If you ignore God, you also ignore the sin nature of mankind, but deep inside us, we know of that sin nature. And if we are the ones with power, we will do whatever it takes to eliminate the threat against that power. It is what Julia Kristeva’s philosophy warned about. She feared that without constant self-analysis, if feminism took hold and gained power, they might become the oppressors that the movement was fighting against. All Kristeva had to do was see the Socialist states in the 20th Century to see their flaws.
And at the core of this flaw is the open attack against religion, especially ignoring the Creator.
NOTE: This will be the last philosophy post using The Philosophy Book, at least for a short while. The book has a “Directory” with an additional 58 philosophers. There is less written about them and some fall into the problem that Henry Odera Oruka noted about subSaharan philosophers. There is not a lot written down for some of these “lesser” philosophers. In the place of this reference, the philosophy posts will shift toward a more Christian Theological approach. The reference will be A Concise History of Christian Thought by Tony Lane. We will take basically the same approach as discussing with these philosophers. We may learn how the Christian religion, and thought, has changed in the past 2,000 years, for good and bad. And as for the “bad”, I might blend in some thoughts from David K. Stabnow’s book, churchfails. Oddly, and maybe predictably, those great thinkers of past generations may have made great strides in the right direction, but like the rest of us – they had their faults.

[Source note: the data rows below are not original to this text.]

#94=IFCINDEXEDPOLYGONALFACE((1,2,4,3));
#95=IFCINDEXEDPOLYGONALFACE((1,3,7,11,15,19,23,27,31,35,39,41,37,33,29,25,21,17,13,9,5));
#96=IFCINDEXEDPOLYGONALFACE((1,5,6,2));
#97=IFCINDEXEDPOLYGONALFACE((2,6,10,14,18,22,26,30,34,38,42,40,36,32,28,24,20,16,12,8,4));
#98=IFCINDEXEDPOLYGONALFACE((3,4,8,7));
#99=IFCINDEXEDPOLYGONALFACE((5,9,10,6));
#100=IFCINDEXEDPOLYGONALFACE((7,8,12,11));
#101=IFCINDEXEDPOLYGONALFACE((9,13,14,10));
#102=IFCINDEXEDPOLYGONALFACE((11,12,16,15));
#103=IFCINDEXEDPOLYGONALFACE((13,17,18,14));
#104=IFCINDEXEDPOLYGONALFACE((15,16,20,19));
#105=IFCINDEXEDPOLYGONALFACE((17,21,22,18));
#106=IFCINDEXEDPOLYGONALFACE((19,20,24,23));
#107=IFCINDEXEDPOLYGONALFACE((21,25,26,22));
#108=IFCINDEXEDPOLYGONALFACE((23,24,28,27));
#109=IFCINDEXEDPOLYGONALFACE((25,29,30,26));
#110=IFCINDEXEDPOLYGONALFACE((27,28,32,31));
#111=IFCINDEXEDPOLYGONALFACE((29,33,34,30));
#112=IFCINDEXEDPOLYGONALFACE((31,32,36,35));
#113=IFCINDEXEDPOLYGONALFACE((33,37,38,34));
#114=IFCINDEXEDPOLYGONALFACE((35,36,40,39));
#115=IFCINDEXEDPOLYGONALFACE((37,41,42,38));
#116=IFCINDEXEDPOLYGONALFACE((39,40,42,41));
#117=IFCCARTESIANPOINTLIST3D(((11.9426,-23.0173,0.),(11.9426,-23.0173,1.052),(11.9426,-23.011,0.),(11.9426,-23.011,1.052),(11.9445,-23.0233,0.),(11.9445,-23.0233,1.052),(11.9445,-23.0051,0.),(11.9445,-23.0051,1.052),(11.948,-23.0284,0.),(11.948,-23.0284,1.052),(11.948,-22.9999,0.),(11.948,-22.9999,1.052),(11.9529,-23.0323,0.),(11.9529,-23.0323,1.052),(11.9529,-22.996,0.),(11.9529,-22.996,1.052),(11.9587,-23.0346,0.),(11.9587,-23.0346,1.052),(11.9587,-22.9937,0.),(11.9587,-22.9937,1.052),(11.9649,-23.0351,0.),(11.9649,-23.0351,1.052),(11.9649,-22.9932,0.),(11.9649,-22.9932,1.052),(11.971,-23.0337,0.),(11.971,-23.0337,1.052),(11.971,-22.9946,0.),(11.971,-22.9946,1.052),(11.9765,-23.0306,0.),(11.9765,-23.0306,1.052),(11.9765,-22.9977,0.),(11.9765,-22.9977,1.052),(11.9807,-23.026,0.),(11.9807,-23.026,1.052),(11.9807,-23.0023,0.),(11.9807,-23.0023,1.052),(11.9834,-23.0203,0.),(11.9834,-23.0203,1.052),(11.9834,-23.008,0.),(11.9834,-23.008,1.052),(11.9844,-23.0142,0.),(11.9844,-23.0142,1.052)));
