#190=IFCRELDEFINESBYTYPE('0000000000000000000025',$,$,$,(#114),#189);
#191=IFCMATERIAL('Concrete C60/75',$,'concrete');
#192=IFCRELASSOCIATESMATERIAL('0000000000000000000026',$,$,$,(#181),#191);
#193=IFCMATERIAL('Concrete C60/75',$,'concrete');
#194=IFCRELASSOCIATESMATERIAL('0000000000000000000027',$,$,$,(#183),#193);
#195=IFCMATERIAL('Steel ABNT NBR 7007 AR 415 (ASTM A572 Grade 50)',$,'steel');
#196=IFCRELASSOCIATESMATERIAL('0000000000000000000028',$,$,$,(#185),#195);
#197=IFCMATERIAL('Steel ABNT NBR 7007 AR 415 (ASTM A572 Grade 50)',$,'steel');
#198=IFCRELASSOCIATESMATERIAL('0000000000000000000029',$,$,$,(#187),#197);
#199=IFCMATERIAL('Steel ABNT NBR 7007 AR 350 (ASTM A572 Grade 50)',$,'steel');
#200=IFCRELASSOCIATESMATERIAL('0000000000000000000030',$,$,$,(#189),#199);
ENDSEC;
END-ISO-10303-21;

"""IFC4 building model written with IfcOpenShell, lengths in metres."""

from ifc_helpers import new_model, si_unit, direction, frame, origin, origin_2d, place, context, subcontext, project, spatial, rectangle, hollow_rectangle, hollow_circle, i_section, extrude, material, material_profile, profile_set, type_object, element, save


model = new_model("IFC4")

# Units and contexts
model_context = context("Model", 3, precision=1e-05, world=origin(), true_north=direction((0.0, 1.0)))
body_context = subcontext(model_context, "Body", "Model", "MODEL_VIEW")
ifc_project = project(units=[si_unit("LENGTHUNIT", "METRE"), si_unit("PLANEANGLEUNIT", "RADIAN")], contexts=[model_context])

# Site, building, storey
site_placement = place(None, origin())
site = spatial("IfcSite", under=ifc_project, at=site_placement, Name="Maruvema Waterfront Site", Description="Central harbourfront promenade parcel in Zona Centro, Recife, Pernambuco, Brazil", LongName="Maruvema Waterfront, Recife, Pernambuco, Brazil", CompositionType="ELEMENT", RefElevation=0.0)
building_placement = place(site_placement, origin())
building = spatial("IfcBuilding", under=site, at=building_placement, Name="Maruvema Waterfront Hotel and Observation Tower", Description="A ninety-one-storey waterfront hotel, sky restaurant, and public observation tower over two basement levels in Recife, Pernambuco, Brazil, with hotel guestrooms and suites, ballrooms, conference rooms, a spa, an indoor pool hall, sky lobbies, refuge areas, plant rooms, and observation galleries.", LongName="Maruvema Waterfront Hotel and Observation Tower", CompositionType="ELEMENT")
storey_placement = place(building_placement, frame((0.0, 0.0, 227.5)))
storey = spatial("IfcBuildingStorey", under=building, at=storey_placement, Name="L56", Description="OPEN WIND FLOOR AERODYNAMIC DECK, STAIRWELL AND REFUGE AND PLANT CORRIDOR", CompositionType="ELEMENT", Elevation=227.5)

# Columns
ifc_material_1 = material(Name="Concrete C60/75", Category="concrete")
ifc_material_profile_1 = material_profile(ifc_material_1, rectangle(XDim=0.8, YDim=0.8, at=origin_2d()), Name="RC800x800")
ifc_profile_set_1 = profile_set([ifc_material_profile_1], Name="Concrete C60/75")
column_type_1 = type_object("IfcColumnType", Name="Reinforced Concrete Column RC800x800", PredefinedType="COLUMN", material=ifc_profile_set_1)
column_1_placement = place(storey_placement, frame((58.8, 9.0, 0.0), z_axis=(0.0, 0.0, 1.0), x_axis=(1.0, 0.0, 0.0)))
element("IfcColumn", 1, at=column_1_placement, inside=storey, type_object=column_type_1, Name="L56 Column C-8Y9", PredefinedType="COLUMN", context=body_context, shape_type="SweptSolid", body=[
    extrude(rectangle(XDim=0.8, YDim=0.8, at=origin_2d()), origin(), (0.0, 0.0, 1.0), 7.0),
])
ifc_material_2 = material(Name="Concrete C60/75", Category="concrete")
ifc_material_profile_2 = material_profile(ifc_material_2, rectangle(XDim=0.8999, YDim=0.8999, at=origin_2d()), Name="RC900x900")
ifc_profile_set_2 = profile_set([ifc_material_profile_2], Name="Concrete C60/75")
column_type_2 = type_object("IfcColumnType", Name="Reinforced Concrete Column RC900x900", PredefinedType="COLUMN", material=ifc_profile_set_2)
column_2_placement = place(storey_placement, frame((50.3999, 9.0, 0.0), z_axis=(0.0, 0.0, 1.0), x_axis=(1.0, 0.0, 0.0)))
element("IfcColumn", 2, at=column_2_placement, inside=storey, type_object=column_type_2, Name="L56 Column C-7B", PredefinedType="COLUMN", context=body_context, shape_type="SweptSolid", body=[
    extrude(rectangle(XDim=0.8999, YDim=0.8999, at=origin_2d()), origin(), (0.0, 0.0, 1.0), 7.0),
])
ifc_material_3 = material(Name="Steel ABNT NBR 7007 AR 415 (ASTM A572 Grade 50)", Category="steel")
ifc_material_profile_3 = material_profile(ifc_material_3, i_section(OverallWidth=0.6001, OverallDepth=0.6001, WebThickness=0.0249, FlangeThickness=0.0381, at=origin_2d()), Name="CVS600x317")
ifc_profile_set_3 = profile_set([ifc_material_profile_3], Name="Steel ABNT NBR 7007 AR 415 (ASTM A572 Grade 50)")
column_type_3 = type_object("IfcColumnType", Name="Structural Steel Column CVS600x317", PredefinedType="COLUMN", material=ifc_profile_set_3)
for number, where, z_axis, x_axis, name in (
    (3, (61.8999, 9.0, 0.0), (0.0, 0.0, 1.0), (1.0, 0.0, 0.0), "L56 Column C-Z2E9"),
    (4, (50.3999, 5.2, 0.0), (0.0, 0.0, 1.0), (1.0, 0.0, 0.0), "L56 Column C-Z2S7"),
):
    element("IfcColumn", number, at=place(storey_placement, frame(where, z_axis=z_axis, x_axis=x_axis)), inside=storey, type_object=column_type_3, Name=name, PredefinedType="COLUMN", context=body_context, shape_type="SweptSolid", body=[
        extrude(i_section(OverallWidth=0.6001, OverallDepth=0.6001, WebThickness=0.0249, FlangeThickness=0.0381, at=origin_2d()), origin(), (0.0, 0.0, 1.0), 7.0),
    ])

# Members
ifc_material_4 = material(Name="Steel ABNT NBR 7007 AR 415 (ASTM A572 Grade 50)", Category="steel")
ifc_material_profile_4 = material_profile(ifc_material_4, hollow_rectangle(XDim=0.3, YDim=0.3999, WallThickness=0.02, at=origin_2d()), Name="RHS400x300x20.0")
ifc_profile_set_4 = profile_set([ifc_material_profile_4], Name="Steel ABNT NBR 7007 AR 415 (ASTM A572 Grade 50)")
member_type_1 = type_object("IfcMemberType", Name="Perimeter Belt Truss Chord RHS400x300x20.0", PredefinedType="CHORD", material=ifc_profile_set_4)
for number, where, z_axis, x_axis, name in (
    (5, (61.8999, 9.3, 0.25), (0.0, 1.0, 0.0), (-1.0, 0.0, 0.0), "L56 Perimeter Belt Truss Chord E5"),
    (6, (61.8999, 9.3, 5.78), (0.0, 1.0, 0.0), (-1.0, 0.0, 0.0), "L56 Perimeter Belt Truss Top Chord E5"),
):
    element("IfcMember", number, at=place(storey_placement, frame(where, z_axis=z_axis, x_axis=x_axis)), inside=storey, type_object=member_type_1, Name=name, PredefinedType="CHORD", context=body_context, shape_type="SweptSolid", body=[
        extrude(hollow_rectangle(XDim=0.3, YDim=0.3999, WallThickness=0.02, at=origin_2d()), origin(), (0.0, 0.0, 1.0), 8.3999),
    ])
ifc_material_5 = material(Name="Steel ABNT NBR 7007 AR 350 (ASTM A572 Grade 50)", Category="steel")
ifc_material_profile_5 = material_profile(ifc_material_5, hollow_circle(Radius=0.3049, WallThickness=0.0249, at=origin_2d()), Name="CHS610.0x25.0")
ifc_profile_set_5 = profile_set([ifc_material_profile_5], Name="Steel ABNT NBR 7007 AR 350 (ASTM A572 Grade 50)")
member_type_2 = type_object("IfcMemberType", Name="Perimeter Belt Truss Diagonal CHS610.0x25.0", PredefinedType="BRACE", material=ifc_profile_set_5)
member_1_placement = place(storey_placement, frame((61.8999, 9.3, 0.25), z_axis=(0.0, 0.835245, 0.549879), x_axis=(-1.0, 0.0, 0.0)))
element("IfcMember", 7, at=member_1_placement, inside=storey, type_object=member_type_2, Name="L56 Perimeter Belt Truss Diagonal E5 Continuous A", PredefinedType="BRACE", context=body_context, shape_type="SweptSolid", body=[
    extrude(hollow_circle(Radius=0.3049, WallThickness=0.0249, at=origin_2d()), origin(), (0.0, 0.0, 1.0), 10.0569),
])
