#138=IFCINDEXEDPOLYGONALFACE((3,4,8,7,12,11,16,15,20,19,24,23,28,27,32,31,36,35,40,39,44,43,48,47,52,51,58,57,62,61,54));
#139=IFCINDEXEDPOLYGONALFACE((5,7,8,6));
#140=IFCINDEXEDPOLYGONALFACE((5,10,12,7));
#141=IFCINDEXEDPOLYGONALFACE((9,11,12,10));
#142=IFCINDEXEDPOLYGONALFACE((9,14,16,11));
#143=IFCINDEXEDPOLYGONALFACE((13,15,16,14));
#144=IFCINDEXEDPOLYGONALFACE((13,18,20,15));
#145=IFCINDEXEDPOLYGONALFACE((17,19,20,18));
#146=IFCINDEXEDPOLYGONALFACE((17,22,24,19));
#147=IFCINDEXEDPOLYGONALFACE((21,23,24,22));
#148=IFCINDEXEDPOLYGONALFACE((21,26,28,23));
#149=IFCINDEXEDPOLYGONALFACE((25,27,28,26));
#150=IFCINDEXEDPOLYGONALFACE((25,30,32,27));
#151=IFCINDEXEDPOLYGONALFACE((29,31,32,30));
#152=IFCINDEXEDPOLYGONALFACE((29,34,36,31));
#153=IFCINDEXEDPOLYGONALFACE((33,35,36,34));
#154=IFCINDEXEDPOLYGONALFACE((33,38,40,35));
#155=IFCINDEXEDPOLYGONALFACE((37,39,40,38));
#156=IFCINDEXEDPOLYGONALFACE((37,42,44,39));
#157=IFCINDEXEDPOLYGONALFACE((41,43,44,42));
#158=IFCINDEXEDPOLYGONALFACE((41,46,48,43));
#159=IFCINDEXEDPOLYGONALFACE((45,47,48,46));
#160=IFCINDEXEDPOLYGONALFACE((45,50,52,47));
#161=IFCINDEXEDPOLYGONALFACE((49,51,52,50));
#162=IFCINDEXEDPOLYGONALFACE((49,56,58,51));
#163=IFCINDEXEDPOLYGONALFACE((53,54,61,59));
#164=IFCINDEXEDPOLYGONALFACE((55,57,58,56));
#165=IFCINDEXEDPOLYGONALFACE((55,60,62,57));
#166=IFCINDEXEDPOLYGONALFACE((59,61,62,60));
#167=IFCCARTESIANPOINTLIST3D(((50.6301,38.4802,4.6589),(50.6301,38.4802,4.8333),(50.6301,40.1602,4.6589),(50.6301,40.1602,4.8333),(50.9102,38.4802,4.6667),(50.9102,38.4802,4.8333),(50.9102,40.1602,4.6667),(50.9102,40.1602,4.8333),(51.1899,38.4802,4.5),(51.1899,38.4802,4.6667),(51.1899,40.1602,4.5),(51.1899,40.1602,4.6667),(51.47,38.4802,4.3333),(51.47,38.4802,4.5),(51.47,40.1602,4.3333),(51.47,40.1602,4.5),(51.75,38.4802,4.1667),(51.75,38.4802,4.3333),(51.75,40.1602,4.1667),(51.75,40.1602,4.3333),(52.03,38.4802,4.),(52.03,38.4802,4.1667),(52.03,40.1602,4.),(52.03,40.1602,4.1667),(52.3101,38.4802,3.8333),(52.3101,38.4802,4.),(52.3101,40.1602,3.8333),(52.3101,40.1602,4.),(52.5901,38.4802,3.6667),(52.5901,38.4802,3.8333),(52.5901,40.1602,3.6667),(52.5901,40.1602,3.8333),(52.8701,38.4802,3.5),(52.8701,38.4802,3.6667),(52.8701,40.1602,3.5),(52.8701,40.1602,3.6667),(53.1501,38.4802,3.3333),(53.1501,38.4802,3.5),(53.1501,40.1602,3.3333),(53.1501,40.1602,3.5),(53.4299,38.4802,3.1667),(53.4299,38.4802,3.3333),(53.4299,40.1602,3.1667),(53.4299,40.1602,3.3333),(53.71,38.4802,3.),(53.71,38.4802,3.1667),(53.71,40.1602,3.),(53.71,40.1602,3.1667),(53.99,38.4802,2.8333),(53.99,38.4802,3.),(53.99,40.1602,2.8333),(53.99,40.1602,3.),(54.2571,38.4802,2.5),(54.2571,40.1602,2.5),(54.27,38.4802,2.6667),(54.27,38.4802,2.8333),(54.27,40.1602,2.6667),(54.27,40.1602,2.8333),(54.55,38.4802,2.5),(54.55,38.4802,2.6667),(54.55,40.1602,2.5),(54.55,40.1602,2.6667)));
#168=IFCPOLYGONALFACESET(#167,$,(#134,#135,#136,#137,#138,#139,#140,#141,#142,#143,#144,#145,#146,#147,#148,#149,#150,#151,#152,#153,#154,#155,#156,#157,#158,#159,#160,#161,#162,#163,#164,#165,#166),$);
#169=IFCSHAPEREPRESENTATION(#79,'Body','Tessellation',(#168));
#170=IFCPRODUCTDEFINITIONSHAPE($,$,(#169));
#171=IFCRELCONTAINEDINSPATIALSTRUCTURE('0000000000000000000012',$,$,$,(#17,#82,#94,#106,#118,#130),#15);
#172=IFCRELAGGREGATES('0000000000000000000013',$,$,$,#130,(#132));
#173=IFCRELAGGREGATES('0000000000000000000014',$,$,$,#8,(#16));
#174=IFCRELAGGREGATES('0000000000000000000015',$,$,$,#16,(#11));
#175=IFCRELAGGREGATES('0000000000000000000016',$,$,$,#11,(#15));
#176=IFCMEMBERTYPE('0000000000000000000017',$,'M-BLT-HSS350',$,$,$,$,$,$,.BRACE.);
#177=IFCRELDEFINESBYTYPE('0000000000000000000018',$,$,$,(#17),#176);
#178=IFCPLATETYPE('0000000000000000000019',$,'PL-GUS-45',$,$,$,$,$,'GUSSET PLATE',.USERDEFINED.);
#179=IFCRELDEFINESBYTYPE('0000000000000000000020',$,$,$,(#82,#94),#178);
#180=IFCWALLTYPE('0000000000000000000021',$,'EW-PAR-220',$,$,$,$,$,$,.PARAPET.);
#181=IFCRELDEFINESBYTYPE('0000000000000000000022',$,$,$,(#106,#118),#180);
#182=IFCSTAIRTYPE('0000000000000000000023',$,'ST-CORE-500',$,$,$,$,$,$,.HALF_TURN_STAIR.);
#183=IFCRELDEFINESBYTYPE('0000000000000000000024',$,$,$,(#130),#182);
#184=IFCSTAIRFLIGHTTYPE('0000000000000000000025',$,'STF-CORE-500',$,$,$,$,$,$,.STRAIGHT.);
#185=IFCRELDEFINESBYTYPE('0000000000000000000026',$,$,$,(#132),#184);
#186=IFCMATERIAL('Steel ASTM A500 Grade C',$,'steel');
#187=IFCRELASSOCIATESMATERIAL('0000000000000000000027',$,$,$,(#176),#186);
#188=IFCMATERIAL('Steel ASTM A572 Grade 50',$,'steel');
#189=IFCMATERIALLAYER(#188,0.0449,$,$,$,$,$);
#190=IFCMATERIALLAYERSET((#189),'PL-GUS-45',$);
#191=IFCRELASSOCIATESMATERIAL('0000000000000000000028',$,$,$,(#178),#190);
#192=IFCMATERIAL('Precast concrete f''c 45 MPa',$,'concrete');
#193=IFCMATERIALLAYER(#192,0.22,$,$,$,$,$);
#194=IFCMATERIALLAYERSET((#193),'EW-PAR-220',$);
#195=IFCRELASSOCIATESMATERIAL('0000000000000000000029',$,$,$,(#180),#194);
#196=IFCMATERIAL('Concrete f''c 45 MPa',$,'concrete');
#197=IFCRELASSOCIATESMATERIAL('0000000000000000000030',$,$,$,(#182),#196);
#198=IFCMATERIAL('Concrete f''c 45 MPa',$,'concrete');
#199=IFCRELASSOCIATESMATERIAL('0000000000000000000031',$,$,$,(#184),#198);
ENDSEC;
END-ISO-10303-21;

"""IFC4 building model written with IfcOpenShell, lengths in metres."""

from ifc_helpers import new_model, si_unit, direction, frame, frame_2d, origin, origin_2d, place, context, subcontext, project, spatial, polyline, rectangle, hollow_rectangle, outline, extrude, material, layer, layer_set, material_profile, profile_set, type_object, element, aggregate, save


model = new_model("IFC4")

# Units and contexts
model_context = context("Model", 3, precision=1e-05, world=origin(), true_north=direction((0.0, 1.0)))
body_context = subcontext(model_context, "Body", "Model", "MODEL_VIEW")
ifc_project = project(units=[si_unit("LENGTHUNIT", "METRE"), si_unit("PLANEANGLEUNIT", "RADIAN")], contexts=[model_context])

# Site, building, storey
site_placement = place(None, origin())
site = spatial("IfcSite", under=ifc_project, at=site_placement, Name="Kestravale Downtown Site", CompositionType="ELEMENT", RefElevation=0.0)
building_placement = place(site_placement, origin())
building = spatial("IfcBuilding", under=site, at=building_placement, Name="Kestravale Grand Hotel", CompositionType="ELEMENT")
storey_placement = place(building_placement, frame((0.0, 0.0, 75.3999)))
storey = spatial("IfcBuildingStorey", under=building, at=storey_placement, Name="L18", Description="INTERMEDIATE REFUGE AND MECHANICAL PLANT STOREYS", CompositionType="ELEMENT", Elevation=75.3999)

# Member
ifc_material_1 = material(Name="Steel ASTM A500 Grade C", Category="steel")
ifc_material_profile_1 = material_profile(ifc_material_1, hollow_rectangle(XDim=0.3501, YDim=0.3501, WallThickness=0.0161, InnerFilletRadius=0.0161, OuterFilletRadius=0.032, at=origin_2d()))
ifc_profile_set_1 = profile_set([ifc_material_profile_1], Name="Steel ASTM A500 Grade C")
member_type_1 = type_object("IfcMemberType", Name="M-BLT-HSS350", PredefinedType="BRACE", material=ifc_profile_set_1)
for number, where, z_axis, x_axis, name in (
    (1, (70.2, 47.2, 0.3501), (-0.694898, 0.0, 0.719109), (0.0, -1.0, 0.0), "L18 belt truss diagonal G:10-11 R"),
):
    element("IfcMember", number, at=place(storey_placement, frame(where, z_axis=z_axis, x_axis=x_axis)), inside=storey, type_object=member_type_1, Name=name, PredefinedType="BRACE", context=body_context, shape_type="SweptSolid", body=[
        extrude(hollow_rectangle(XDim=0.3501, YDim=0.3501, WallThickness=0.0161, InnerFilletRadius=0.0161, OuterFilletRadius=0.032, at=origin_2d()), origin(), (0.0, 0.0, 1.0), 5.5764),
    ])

If you like these Tuesday morning essays about philosophy and other “heavy topics,” but you think you missed a few, you can use this LINK. I have set up a page off the home page for links to these Tuesday morning posts. I will continue to modify the page as I add more.
Soli Deo Gloria. Only to God be the Glory.
Good window insight into Chinese experience of Marxism; I don’t understand how this demonic ideology got revivied
LikeLiked by 1 person
To those who have nothing, it is an easy sell, but it is sold by people who make things worse. Why it sells in the modern western world is something different.